Race for the prize

Debut novelist NoViolet Bulawayo speaks about landing on the Man Booker Prize shortlist.

NoViolet Bulawayo, author of We Need New Names. llustration by Alex Belman/The National
Powered by automated translation

The world will find out today who has won one of the most important literary awards, the Man Booker Prize. The first Zimbabwean ever to be shortlisted, NoViolet Bulawayo, was in Cape Town when she learnt that her first novel, the lyrical We Need New Names, had been shortlisted for the Man Booker Prize.

"Such a perfect space to hear such news," says Bulawayo, who was a featured speaker at the city's Open Book festival. "I was surrounded by book people and fans."

Bulawayo – which is a pen name, borrowed from the city that she grew up in – says that she doesn’t really come from a book family. When she moved to the United States, the family expectation was that she would study law, not creative writing, though she went on to earn an MFA from Cornell University.

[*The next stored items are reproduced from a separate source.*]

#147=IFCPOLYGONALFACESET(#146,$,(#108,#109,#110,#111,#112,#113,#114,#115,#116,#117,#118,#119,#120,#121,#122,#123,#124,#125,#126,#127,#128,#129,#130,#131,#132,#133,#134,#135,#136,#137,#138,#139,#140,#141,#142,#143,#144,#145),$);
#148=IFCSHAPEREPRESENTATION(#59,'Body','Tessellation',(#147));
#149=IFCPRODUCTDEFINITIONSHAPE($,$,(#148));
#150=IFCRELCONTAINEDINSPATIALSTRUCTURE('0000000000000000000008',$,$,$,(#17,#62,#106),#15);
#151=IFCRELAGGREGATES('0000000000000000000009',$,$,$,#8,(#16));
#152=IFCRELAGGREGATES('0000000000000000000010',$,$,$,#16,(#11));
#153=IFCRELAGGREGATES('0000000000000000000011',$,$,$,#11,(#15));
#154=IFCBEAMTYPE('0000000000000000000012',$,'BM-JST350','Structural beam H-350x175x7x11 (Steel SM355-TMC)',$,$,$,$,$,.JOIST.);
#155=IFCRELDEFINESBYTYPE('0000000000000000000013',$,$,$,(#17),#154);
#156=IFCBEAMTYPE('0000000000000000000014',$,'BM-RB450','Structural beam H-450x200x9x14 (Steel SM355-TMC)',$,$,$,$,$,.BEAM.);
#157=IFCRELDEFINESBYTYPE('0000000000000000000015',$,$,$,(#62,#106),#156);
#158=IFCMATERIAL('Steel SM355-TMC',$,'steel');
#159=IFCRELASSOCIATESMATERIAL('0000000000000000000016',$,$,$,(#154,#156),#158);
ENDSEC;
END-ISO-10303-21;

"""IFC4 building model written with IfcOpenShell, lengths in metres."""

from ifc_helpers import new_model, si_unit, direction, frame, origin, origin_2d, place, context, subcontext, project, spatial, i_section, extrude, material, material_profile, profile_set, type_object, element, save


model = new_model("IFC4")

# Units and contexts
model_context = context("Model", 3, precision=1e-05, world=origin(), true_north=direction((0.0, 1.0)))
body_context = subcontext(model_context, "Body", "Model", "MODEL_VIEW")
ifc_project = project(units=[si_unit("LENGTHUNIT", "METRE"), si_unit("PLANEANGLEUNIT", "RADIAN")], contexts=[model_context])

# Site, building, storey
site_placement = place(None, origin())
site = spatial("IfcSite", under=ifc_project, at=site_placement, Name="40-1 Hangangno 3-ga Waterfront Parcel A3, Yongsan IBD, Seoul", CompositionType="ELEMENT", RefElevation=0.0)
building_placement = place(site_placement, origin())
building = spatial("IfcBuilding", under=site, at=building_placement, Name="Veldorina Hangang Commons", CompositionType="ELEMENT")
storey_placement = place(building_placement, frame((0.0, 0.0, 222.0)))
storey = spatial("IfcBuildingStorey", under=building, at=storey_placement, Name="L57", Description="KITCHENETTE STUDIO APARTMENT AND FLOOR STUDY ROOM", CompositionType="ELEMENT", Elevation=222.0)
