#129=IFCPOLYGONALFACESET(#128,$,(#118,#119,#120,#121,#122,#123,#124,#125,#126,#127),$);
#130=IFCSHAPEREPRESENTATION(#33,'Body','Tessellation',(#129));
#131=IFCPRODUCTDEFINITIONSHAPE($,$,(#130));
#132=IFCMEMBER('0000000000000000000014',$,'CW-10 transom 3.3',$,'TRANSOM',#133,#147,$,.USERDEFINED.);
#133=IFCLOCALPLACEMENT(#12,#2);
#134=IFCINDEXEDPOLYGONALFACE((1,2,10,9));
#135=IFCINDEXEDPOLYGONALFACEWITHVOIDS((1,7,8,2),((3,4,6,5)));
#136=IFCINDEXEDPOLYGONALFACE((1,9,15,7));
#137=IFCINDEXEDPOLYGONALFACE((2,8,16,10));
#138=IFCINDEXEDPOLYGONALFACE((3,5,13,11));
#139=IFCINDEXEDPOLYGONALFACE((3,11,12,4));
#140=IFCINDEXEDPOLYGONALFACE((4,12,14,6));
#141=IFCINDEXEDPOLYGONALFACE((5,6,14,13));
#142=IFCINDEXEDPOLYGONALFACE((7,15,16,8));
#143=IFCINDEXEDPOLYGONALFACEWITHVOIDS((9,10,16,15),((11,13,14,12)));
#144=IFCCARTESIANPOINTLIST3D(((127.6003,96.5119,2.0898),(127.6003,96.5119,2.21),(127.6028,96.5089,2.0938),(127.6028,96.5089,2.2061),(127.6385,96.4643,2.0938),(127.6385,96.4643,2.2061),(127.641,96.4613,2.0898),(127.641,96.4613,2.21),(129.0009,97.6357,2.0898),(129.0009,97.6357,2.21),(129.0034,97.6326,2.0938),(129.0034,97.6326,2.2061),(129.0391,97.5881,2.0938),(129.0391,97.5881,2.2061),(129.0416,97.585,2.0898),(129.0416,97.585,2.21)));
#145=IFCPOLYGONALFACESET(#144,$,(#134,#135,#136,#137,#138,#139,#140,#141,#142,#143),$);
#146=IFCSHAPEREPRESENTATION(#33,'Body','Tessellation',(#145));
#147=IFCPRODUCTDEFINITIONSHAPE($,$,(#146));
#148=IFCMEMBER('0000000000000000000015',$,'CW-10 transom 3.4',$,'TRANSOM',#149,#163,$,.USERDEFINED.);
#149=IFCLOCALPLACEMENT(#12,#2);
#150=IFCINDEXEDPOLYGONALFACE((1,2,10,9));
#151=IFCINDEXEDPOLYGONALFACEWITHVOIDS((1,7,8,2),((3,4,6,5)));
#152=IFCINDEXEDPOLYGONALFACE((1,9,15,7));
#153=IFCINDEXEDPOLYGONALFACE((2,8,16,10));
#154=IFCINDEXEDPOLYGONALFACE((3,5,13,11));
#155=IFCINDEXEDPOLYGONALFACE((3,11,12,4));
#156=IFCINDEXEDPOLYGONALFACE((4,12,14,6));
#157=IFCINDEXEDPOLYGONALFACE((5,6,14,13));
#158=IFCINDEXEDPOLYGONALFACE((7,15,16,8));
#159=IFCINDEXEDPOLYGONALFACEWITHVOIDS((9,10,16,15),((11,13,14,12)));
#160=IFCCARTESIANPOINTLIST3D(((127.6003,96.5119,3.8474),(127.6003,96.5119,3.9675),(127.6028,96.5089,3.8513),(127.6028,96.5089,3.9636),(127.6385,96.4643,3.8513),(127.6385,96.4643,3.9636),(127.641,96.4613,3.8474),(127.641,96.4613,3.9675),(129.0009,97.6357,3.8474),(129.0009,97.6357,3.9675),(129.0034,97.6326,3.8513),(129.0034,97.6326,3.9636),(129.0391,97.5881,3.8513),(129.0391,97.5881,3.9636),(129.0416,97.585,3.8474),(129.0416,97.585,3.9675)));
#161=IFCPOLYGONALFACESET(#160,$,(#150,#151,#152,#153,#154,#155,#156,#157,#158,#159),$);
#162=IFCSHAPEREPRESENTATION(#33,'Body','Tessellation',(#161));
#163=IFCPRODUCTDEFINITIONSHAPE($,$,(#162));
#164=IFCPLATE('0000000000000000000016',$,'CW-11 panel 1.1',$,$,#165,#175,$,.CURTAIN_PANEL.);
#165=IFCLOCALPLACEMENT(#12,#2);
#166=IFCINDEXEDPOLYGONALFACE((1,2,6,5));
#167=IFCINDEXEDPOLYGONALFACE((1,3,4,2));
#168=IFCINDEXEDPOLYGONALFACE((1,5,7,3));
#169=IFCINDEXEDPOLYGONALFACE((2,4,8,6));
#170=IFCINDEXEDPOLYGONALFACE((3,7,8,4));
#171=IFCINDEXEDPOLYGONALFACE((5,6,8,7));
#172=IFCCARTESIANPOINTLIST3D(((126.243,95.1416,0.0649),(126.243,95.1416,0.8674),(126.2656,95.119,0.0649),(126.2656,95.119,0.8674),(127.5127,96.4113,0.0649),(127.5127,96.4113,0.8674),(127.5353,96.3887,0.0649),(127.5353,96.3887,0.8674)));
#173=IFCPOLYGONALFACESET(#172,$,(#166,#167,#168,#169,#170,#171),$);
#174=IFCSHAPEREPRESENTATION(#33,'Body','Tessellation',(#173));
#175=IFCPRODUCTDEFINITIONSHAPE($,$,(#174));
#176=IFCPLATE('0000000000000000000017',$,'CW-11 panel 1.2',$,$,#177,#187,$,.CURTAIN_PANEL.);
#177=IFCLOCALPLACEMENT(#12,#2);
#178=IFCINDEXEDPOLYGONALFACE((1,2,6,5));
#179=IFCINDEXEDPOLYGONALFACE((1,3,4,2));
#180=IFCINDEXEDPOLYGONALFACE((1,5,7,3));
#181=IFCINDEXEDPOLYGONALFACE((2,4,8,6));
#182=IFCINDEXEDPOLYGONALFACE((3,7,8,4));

Her novel’s narrator, Darling, is a young girl in Zimbabwe who spends her days with her friends stealing guavas, playing games, and dreaming of escaping to paradise locations including America, France and Dubai. Darling seems to win the golden ticket out of Zim’s landscape of poverty and Aids with a fresh start in the US.

The distinct clarity of the child’s voice has won rave reviews from heavyweight critics around the world.

At just 31, Bulawayo is the youngest contender this year, and the first Zimbabwean ever to be shortlisted. Previous winners from Africa are Nadine Gordimer, J M Coetzee (twice) and Ben Okri.

Bulawayo travels next to Zimbabwe to launch the novel there, before heading back to California, where she is a fellow at Stanford.

Congratulations on moving from the longlist to the shortlist. To which did you have a stronger reaction?

I didn’t even know that my book had been nominated, so [the longlist] was a shock. The shortlist was another shock. Scarier than the first. It’s a wonderful recognition and I’m very much encouraged to keep working.

The children in We Need New Names play the country game: “If you lose the fight, then you just have to settle for countries like Dubai and South Africa … They are not country-countries, but at least life is better than here.” How did Dubai get on the list?

That was a real game. I think that it sort of mirrors the larger politics of the world, power play within countries, the superior countries, the weaker countries.

During the Lost Decade, Zimbabweans were all over the place. I had friends in Dubai, and I remember [asking]: “What on Earth are you doing in Dubai?” Growing up, it wasn’t the country that was in our imaginations. What was in our imaginations was the US and UK. It’s quite interesting how that part of the world has become part of Zimbabwe’s narrative.

Then of course, Darling “wins” the real country game: she gets to go to America. She’s quite young, and doesn’t really appreciate what the intercultural challenges may be.

Children sort of live in the moment. For them it’s enough that they are going to America. But of course she gets there and finds a very different reality. No matter how much food she eats in America, she is always hungry for home, and then you do get the loss of self. Just being in limbo, never quite belonging. At the end, she is calling home and her friend is reminding her that she left the country, so [she has] no right to complain.

How does the oral culture that you were raised in affect your storytelling?

During the holidays, we went to the rural areas where we would meet my grandmother and storytelling was the daily form of entertainment. I grew up thinking that it was just normal, that the world was told through stories. And my father was also a storyteller. At school, I’d always be telling stories to my friends.

I started reading books and found a connection: they were also stories, just like the ones I had heard. It really gives a lot to my voice in that when I write, I think of a listener, not necessarily a reader.

I think the connection with told stories is more urgent, more true. You get one to two minutes to engage them, which taught me about voice and urgency. Which is why, when I write, my challenge is to write something that the reader can’t put down.